Instead of using rocksdb to store a freelist extent mapping of
start->end, we instead store coarse_offset->(fine_offset->allocated?)
where (with a 4k min allocation size), fine-offset is 4k aligned and
coarse_offset is some largish multiple of that (4MB coarse offset
->1024 bits/key?).  The actual keys contain a bitmap containing 1s for
fine_offsets where the allocation status changed and we use a rocksdb
merge operator to xor the overlapping keys to get a final key value
which represents the current allocation status.

I think this does avoid the issue of needing to serialize the
transactions just before submission, but I don't think it actually
gets us anything else.
- We aren't assuming rmw transactions in the backend kv store, so we
still need a way to avoid two concurrent operations trying to allocate
the same extent.
- Such a representation makes it relatively difficult to find free
space (particularly contiguous free space) -- we'd probably need a
secondary structure to make that faster.
- There isn't any reason to think that rocksdb would be any more
efficient about concurrent writers writing to overlapping key spaces,
so we'd want different writers using different allocation regions
anyway.
- I think rocksdb does need to do some work which is proportional to
the number of keys changed, so using small coarse_offsets to avoid
excessive overlapping might be a problem.

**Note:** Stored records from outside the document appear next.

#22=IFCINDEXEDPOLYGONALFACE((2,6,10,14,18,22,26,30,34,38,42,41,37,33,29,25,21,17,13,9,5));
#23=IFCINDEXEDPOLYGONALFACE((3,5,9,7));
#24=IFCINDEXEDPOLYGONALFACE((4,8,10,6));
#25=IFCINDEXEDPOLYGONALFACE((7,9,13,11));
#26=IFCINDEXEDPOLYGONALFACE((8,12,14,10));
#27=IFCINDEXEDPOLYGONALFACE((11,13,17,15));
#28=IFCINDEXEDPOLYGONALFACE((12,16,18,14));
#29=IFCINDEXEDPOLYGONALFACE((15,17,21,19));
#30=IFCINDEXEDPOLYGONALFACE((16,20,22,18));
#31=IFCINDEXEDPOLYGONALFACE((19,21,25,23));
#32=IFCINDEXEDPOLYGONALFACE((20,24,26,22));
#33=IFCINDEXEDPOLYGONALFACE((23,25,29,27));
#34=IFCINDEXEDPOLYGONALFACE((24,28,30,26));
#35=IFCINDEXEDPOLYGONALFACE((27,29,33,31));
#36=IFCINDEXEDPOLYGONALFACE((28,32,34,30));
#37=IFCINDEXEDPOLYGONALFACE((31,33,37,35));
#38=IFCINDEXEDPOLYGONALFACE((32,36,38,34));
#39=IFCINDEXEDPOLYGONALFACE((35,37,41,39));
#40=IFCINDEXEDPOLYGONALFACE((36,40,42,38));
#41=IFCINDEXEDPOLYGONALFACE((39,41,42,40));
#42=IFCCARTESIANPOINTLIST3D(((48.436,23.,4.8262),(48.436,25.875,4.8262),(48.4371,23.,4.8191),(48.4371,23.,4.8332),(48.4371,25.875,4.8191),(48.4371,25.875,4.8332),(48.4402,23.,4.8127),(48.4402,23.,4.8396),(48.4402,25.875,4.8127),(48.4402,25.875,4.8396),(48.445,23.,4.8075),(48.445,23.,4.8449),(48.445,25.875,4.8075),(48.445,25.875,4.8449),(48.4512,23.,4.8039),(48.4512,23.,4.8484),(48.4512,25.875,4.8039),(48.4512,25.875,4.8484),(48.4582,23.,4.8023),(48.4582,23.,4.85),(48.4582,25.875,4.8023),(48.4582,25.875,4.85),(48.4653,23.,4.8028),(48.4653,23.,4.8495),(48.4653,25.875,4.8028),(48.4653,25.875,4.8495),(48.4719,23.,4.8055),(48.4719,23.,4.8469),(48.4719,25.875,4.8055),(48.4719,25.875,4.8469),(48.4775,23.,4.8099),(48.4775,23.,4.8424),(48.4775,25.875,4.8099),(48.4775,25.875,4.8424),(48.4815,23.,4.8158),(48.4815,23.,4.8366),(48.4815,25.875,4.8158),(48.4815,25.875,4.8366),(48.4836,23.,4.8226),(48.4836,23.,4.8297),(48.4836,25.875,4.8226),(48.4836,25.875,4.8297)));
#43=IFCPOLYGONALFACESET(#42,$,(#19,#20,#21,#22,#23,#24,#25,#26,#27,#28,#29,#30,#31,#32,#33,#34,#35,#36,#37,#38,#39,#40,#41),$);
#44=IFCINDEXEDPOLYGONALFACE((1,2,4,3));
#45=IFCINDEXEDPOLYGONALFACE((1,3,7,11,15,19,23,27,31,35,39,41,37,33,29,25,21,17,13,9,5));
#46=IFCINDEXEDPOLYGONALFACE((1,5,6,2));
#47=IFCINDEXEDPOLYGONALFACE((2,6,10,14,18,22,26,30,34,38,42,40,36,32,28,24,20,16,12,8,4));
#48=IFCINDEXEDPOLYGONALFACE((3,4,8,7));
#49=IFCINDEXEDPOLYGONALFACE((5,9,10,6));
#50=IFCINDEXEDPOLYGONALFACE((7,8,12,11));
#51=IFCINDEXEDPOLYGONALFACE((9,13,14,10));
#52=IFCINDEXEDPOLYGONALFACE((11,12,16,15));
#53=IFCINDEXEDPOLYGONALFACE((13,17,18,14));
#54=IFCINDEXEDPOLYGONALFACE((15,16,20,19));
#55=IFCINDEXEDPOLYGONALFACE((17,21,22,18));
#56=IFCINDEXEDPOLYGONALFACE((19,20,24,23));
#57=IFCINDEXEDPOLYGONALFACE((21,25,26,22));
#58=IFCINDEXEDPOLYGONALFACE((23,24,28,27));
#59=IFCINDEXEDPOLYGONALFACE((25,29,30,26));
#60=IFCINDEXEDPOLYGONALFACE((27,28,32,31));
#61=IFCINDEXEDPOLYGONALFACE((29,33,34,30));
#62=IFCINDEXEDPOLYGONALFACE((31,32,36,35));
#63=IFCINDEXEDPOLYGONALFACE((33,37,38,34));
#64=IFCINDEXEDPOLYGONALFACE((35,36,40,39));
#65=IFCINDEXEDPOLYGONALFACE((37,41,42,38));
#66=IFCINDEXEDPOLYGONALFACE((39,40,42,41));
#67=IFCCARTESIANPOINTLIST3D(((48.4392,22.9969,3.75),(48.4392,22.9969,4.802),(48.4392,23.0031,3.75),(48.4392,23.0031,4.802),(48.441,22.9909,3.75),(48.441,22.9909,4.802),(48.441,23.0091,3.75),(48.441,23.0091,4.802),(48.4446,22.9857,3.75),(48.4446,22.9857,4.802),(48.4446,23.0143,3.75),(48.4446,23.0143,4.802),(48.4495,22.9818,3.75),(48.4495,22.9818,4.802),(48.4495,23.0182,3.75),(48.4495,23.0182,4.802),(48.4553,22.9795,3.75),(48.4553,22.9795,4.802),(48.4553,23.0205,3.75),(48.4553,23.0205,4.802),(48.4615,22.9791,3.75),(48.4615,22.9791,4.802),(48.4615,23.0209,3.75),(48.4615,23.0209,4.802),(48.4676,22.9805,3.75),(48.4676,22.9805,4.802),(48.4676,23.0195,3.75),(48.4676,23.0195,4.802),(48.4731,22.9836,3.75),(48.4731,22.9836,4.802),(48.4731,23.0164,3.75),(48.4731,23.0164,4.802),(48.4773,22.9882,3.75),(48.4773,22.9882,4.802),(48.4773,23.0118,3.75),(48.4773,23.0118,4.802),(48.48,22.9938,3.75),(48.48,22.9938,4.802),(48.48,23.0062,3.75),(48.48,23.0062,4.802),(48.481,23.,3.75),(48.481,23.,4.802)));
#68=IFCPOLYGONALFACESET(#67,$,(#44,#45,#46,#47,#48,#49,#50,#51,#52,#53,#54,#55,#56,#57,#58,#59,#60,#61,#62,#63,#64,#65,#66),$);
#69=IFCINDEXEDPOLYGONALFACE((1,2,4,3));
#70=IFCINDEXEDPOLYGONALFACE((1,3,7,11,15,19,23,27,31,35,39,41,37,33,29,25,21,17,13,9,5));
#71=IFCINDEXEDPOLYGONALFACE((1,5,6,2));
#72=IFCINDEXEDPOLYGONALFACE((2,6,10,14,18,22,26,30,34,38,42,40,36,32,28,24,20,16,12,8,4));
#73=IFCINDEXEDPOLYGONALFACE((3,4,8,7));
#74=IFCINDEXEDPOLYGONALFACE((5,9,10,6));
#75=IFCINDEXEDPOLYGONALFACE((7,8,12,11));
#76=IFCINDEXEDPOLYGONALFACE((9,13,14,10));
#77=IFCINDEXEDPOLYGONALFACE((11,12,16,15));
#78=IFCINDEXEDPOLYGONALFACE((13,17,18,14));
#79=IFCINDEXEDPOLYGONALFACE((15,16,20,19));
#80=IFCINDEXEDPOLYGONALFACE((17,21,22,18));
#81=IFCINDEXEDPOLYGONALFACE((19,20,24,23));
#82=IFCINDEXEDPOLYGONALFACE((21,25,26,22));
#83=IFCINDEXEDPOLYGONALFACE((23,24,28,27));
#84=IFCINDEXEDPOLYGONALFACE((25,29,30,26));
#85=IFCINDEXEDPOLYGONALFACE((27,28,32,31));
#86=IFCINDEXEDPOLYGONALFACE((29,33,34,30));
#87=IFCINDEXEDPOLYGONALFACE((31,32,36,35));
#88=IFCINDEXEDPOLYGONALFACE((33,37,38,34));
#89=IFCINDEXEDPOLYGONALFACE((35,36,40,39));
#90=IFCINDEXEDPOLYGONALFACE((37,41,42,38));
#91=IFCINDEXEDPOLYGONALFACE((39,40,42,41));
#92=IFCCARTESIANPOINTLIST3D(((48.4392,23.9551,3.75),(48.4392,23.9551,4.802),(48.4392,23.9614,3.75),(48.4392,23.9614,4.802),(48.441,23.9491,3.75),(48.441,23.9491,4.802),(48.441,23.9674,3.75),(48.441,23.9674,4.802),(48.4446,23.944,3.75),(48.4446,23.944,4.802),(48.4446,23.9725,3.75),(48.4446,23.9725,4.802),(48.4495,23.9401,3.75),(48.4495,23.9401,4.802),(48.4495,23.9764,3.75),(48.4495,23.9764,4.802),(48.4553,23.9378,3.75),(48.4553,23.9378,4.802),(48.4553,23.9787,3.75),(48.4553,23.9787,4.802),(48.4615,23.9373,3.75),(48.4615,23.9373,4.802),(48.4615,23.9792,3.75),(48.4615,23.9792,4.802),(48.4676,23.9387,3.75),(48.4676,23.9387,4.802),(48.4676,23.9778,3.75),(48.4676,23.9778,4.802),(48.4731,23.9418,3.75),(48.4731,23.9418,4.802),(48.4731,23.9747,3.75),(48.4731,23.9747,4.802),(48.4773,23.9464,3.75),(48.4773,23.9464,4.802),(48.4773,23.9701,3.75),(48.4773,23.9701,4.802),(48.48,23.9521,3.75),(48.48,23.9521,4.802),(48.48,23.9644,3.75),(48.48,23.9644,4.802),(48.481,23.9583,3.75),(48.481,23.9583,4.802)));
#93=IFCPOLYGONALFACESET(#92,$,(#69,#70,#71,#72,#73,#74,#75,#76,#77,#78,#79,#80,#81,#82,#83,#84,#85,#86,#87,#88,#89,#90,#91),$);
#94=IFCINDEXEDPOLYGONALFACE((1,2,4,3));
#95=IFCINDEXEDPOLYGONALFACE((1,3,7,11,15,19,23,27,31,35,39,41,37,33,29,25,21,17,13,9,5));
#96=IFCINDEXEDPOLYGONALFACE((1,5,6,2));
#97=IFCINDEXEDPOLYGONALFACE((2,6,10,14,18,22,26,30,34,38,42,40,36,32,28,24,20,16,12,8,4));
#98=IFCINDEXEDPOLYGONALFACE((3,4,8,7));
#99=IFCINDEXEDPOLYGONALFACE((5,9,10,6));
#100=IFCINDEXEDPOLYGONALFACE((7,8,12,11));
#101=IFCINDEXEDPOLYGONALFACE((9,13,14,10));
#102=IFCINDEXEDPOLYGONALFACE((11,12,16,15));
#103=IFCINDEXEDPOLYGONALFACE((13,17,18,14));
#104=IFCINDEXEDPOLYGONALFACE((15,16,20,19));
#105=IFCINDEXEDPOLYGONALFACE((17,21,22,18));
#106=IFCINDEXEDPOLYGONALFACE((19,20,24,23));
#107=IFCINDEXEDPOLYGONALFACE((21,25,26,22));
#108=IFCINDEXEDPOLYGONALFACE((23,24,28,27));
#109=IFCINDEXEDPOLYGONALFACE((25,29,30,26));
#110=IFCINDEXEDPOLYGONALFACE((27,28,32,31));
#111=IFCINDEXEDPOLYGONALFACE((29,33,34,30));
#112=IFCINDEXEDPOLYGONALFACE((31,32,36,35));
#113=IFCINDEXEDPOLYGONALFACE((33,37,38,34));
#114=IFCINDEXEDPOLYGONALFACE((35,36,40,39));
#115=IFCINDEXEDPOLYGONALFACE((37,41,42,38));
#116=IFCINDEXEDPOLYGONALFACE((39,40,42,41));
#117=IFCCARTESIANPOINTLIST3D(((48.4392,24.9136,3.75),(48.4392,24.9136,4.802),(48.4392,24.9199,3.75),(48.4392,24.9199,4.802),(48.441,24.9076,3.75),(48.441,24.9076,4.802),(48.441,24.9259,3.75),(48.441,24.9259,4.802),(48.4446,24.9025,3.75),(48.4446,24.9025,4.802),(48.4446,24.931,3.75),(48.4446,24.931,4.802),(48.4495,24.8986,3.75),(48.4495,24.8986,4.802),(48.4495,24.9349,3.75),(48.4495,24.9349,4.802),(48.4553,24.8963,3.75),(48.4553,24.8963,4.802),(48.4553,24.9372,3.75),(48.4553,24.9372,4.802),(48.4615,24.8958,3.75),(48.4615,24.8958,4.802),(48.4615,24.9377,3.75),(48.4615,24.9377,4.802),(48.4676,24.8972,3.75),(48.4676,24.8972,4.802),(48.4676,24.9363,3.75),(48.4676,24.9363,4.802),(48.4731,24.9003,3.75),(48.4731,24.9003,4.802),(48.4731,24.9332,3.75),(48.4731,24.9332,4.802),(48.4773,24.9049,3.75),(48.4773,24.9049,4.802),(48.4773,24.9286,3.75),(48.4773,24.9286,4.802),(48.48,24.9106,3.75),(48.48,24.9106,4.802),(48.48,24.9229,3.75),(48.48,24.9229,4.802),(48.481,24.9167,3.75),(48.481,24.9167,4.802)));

- Querying the allocation status could require reading several levels
even if the lowest one has the key since we need to compose all of the
unmerged changes -- this suggests we'd need an in-memory cache with
paging anyway to do allocation efficiently.

I think the above means that whatever representation we choose, we'd
still have to design for parallelism further up the stack with an
allocation group like concept.  It also seems like we'd be stuck with
an explicit paging system for the allocation information above the kv
store anyway.  At that point, it seems like we might as well use an
extent representation for all of its other advantages and skip the
merge operator dependence.
-Sam

On Thu, Mar 10, 2016 at 10:18 AM, Allen Samuels
<Allen.Samuels@xxxxxxxxxxx> wrote:
>> -----Original Message-----
>> From: Sage Weil [mailto:sweil@xxxxxxxxxx]

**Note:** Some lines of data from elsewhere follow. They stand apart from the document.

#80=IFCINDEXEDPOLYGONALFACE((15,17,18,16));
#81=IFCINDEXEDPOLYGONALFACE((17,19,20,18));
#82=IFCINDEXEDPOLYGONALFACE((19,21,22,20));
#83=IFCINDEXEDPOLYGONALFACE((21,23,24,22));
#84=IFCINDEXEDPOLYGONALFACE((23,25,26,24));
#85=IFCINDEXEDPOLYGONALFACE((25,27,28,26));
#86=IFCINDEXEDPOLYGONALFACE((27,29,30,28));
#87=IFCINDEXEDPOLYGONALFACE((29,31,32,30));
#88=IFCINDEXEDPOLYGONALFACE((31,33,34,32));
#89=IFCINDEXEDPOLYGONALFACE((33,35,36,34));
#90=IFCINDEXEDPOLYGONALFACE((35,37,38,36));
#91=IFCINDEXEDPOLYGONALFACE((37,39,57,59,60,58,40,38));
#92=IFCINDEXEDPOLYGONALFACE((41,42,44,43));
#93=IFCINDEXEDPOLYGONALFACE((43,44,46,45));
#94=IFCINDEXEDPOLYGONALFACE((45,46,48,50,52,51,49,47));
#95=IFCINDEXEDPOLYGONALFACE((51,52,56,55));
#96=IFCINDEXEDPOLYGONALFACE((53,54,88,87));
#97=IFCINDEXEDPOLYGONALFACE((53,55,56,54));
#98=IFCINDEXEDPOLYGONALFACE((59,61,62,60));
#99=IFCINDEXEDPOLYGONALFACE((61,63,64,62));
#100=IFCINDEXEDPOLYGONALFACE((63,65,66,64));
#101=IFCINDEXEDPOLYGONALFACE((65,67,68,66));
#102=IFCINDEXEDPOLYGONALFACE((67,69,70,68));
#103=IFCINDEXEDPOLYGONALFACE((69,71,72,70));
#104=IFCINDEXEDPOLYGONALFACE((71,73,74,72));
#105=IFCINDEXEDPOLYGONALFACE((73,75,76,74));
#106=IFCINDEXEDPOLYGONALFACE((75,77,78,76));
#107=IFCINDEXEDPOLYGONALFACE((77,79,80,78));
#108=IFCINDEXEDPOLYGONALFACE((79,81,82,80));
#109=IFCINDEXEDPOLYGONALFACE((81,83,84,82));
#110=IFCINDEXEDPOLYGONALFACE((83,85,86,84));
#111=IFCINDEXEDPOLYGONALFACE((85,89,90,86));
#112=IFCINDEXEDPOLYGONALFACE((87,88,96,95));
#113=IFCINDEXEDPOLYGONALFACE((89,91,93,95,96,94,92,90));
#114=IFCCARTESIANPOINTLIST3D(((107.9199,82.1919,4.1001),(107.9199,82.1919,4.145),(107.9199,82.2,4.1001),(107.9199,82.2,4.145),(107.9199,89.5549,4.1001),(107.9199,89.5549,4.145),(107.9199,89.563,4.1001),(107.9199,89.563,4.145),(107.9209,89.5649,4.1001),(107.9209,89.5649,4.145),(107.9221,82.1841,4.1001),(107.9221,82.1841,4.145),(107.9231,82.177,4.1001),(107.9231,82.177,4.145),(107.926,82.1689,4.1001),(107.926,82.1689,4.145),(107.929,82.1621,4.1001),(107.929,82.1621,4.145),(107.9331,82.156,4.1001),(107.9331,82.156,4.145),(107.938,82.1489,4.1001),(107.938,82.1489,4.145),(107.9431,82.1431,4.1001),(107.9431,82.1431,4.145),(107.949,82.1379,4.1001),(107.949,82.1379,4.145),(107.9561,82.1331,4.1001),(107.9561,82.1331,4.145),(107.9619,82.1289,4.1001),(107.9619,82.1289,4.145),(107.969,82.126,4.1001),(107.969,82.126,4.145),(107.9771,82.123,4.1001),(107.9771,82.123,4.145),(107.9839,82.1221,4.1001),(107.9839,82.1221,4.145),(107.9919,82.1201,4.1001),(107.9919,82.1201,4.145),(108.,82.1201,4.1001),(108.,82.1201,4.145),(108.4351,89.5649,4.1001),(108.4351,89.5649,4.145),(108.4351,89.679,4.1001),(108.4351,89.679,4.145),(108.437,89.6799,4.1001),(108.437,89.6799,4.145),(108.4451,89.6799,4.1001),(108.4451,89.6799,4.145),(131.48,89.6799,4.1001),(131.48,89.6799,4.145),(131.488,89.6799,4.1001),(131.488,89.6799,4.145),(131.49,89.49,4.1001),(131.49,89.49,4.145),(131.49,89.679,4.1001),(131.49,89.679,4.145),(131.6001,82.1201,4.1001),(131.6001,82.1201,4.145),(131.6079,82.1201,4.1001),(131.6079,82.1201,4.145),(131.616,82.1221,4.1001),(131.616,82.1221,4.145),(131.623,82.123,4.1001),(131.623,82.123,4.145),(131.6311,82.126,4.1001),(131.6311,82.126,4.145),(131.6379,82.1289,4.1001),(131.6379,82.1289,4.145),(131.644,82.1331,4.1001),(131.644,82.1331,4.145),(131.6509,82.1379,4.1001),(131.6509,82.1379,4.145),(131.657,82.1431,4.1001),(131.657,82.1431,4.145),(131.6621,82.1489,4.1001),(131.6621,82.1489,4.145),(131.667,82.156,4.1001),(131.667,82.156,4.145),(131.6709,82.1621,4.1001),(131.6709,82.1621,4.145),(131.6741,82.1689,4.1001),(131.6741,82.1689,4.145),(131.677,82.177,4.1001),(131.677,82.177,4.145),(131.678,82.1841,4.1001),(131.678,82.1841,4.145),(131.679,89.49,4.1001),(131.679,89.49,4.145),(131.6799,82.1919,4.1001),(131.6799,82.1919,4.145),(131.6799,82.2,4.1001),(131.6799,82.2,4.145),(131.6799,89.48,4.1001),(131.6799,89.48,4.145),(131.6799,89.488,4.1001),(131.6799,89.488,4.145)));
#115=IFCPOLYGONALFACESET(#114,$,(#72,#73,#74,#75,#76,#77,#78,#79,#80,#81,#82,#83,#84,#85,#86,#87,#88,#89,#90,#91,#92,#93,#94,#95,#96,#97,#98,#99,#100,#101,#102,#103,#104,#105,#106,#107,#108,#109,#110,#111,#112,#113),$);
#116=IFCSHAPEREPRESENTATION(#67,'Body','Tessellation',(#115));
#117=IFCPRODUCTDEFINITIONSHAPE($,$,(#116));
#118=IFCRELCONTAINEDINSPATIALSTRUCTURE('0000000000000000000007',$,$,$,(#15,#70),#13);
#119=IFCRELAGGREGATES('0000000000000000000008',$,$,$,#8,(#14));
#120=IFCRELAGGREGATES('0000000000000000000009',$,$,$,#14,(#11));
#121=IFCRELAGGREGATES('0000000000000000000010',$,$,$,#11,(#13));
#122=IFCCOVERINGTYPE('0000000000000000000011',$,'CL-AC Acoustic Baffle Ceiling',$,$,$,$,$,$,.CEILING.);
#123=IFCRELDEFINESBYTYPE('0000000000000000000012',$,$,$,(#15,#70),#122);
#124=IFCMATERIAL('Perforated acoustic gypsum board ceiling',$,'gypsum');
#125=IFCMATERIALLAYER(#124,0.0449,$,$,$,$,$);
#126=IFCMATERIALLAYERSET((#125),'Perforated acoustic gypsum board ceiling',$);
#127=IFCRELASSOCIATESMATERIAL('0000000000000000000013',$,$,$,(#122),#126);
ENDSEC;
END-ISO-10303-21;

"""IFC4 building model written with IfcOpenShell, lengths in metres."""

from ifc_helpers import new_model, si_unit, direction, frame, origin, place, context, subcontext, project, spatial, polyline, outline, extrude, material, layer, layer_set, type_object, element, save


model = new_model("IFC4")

>> Sent: Thursday, March 10, 2016 8:13 AM
>> To: Allen Samuels <Allen.Samuels@xxxxxxxxxxx>
>> Cc: ceph-devel@xxxxxxxxxxxxxxx
>> Subject: RE: BlueStore Performance issue
>>
>> On Thu, 10 Mar 2016, Allen Samuels wrote:
>> > > > Another important benefit of this is that the WAL code need only
>> > > > kick in for operations that are less than 4K rather than the current 64K.
>> > > > This is a big reduction in write-amplification for these
>> > > > operations which should translate directly into improved
>> > > > throughput, especially for such benchmark critical areas as random 4K
>> writes...
>> > > >
>> > > > While not terribly useful on hybrid or HDD systems, the bitmap
>> > > > based code has MUCH shorter CPU paths than does the current code.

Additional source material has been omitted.